There is no question that the greatest challenges in the space program that we face today are:
- Performance
- Reliability and Safety
- Cost
Nanotechnology has the capability to improve this situation
dramatically. In the previous section we have spoken of the
advantages that nanotechnology can bring to general manufacturing
and the electronics industry. Clearly both would have a
substantial effect on the space program, improving each of the
three factors noted above. For example spacecraft can be made 90%
lighter, while stronger and a much greater safety margin by using
the diamondoid fibres that nanotechnology can produce.
This could improve the ratio of payload mass to empty vehicle
mass from 1:3 to 3:1 or more.
The tiny flaws in today's manufacturing will also be eliminated
improving reliability and safety, and the use of active materials
improves the situation still further.
Let us take a brief look at some more specific benefits nanotechnology will bring:
- The exterior of the craft will be full of nanosensors and nanorobots, such extensive monitoring together with increasingly efficient control of propulsion systems, life support, etc, mission success rates would increase at lowered cost.
- Nanotechnology will also greatly improve the viability of the spaceplanes by making them structurally much lighter.
- As we have mentioned many times today's chemical rockets are no good for deep exploration because of their poor specific and total impulse. It would take nearly 2 years to reach Mars with a conventional rocket. Laser Sails have been suggested as a possible alternative. With today's technology they are rather limited, however nanotechnology can greatly improve their performance, by constructing vastly superior sails. With nanotechnology sails could be constructed that are just 20 nm in thickness (less than a soap bubble). This would make the sail and necessary mountings extremely light but still very durable. Drexler suggests such a craft with no payload could create an acceleration of 0.16 m/s2 at one AU from the sun and an acceleration of 0.08 m/s2 with a payload mass equal to the sail mass.
- There could be substantial performance increases from solar powered ion engines with nanotechnology. The technology could improve the efficiency of solar panels from less than 30% to nearly 100% and together with structural improvements (making the craft very light) could potentially increase the performance to an ideal exhaust velocity of 1,000,000 m/s and provide ~9.8 m/s2 acceleration. These figures may be somewhat optimistic though.
- The performance of conventional rockets can be improved in more dramatic ways, consider that parasitic mass can be converted to useful payload in flight. On-board nanosystems could take a used fuel tank and use it as raw materials to build a solar sail.
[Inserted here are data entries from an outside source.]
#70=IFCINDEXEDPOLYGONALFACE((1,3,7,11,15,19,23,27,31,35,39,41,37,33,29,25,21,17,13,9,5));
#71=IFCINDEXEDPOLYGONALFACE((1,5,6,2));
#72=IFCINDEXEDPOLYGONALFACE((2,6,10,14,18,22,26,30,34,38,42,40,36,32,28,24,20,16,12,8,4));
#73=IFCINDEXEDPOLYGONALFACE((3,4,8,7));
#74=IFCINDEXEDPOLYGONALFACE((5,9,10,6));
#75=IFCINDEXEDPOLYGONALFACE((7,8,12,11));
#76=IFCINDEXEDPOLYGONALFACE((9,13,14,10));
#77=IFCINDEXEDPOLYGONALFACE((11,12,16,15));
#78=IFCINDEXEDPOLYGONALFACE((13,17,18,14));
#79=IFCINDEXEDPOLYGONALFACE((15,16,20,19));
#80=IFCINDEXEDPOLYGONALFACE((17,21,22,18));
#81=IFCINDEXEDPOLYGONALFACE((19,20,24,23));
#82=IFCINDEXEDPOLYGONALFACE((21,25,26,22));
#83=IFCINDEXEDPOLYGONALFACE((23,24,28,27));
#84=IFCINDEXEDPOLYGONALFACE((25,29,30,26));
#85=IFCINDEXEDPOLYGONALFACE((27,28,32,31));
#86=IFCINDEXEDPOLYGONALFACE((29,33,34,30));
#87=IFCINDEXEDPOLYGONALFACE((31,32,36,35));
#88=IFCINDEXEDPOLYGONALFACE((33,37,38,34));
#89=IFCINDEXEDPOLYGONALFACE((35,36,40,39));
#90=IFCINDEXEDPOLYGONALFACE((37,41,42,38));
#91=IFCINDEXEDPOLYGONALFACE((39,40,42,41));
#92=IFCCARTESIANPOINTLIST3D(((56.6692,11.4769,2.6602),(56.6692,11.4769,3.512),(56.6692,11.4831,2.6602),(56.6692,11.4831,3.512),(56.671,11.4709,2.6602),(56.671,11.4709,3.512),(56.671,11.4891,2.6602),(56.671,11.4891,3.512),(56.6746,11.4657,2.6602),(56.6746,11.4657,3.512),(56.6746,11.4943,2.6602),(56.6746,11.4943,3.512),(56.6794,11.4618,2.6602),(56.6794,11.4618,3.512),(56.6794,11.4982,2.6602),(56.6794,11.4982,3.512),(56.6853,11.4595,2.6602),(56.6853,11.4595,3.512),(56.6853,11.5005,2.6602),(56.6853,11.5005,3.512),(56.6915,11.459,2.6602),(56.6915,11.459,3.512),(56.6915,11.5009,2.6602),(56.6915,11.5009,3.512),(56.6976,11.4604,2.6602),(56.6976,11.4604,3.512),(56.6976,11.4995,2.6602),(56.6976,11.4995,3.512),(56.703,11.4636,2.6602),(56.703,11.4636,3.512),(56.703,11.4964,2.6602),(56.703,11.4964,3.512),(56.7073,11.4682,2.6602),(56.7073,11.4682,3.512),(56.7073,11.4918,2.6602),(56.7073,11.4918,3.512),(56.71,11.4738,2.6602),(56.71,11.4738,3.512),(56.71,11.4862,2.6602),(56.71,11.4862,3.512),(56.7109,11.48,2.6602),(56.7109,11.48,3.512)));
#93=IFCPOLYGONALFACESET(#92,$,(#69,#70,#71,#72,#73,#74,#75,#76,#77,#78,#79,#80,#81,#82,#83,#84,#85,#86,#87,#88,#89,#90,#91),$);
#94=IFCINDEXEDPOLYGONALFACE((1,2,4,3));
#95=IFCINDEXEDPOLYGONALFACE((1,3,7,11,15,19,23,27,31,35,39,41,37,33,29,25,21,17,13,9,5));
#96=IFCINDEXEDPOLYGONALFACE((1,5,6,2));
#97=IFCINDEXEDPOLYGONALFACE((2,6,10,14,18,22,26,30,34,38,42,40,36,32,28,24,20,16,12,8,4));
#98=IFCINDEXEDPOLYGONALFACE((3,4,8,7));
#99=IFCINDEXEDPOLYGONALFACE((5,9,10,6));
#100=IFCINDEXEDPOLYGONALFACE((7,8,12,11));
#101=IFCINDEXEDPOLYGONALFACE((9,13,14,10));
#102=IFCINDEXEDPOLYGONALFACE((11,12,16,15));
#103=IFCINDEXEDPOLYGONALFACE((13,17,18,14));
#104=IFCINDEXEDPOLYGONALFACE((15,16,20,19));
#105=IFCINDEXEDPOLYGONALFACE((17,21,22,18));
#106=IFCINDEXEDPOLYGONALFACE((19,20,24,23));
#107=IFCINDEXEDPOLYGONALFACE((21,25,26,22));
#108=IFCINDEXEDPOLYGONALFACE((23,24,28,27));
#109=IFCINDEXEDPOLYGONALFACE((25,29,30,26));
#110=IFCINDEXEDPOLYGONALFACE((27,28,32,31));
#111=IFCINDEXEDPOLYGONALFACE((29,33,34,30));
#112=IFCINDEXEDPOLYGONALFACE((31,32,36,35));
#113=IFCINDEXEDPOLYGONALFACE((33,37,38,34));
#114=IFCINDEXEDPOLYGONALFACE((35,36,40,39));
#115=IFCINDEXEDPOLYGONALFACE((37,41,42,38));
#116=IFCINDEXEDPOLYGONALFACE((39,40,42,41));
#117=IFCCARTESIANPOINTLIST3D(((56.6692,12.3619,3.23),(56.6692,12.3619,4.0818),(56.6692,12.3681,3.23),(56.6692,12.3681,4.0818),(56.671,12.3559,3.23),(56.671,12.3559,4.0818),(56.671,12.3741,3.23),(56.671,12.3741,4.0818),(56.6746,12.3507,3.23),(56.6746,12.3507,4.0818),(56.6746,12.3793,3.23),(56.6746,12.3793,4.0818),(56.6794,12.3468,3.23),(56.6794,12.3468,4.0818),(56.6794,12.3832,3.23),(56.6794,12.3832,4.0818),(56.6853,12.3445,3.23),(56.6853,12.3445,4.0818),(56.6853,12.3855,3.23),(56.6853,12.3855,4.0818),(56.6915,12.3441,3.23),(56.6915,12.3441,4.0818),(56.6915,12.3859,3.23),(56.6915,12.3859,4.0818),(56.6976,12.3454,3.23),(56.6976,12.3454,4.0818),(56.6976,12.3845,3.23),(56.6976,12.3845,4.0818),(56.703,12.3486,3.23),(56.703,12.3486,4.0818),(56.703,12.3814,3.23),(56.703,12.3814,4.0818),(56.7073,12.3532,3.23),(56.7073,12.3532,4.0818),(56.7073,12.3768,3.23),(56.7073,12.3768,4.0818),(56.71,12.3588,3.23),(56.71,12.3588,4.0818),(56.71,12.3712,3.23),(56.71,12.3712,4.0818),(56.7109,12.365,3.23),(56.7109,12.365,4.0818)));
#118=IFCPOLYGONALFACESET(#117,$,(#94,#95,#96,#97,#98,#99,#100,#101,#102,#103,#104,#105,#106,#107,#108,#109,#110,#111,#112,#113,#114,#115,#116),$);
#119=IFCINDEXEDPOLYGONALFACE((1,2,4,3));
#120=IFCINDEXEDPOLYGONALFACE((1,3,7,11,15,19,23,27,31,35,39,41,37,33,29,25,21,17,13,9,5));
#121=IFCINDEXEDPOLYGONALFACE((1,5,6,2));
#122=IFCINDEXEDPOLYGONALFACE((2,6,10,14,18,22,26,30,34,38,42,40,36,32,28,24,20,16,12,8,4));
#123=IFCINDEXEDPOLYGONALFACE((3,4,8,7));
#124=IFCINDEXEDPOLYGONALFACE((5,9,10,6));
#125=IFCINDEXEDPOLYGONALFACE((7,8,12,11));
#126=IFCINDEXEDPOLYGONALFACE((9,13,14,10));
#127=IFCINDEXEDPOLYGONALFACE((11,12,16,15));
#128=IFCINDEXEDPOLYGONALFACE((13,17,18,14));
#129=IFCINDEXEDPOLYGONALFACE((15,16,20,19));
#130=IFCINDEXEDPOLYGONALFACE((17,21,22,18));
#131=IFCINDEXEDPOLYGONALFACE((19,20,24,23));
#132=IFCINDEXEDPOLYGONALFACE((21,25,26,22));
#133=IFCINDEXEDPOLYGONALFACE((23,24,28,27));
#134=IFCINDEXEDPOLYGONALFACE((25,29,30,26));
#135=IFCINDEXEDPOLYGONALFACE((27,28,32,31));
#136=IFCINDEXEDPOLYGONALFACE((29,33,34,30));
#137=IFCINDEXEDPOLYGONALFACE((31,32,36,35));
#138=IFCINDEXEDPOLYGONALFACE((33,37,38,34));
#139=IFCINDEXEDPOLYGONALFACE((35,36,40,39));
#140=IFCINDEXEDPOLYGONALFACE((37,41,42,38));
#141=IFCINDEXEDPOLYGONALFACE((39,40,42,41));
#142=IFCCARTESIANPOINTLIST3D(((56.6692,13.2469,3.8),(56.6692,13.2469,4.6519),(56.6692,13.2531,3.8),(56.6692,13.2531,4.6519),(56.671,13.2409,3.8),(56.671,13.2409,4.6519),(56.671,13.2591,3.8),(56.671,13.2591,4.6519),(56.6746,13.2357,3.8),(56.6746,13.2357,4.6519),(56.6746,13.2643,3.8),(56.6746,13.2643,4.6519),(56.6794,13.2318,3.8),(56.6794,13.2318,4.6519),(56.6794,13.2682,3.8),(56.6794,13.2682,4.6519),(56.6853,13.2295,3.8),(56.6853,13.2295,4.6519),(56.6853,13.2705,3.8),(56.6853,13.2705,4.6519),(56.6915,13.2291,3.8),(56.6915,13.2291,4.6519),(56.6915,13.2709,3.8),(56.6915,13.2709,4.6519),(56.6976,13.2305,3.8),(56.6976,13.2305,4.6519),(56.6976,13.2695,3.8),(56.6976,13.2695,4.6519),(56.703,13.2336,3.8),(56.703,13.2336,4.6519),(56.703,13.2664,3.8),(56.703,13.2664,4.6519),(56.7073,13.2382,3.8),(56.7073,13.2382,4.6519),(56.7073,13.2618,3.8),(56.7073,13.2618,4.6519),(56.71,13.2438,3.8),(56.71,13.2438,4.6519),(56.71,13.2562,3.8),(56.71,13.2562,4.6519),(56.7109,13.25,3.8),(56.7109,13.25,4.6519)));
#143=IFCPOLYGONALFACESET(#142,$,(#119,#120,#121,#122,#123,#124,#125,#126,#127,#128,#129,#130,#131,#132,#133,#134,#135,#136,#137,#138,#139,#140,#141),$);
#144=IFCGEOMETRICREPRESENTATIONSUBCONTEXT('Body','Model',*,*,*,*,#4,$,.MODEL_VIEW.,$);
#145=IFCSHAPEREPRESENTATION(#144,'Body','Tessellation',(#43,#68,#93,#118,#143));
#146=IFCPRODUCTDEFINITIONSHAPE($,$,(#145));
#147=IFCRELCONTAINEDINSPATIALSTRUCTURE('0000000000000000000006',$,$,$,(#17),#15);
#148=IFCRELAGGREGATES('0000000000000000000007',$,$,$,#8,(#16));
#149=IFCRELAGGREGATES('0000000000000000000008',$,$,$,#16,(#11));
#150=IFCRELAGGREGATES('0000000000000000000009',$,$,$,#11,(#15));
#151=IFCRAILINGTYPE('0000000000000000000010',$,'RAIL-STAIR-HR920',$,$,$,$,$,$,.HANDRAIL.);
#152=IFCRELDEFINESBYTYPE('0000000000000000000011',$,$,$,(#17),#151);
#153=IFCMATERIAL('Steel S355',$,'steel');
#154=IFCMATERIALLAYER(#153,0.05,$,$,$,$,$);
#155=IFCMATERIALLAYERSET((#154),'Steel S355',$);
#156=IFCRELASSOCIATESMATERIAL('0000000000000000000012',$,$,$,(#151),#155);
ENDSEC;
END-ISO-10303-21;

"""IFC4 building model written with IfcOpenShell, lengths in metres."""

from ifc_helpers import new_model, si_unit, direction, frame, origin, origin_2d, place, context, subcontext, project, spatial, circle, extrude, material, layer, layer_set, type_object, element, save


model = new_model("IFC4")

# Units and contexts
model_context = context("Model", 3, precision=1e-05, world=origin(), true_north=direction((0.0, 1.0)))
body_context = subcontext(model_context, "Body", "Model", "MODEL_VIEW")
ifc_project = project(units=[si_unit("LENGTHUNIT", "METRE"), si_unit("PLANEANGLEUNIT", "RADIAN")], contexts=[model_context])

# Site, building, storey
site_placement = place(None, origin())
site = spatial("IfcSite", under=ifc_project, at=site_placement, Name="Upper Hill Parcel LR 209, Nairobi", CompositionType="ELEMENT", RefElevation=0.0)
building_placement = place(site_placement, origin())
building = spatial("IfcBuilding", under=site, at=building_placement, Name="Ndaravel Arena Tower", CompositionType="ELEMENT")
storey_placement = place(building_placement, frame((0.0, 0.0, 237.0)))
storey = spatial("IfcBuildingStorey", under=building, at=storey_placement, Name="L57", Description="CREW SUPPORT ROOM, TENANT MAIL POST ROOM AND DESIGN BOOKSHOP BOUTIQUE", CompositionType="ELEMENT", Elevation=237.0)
- With current technology one of the most difficult problems is the time and cost of developing new technologies. It may take 5 or 10 years and cost anywhere from 10's to 1000's of millions of dollars to develop a new space system. Nanotechnology offers the solution here with automated engineering (using a combination of AI and nanorobotics). Computer controlled manufacturing systems will reduce the time to develop and fully test a new system to a few days and the cost will be almost negligible!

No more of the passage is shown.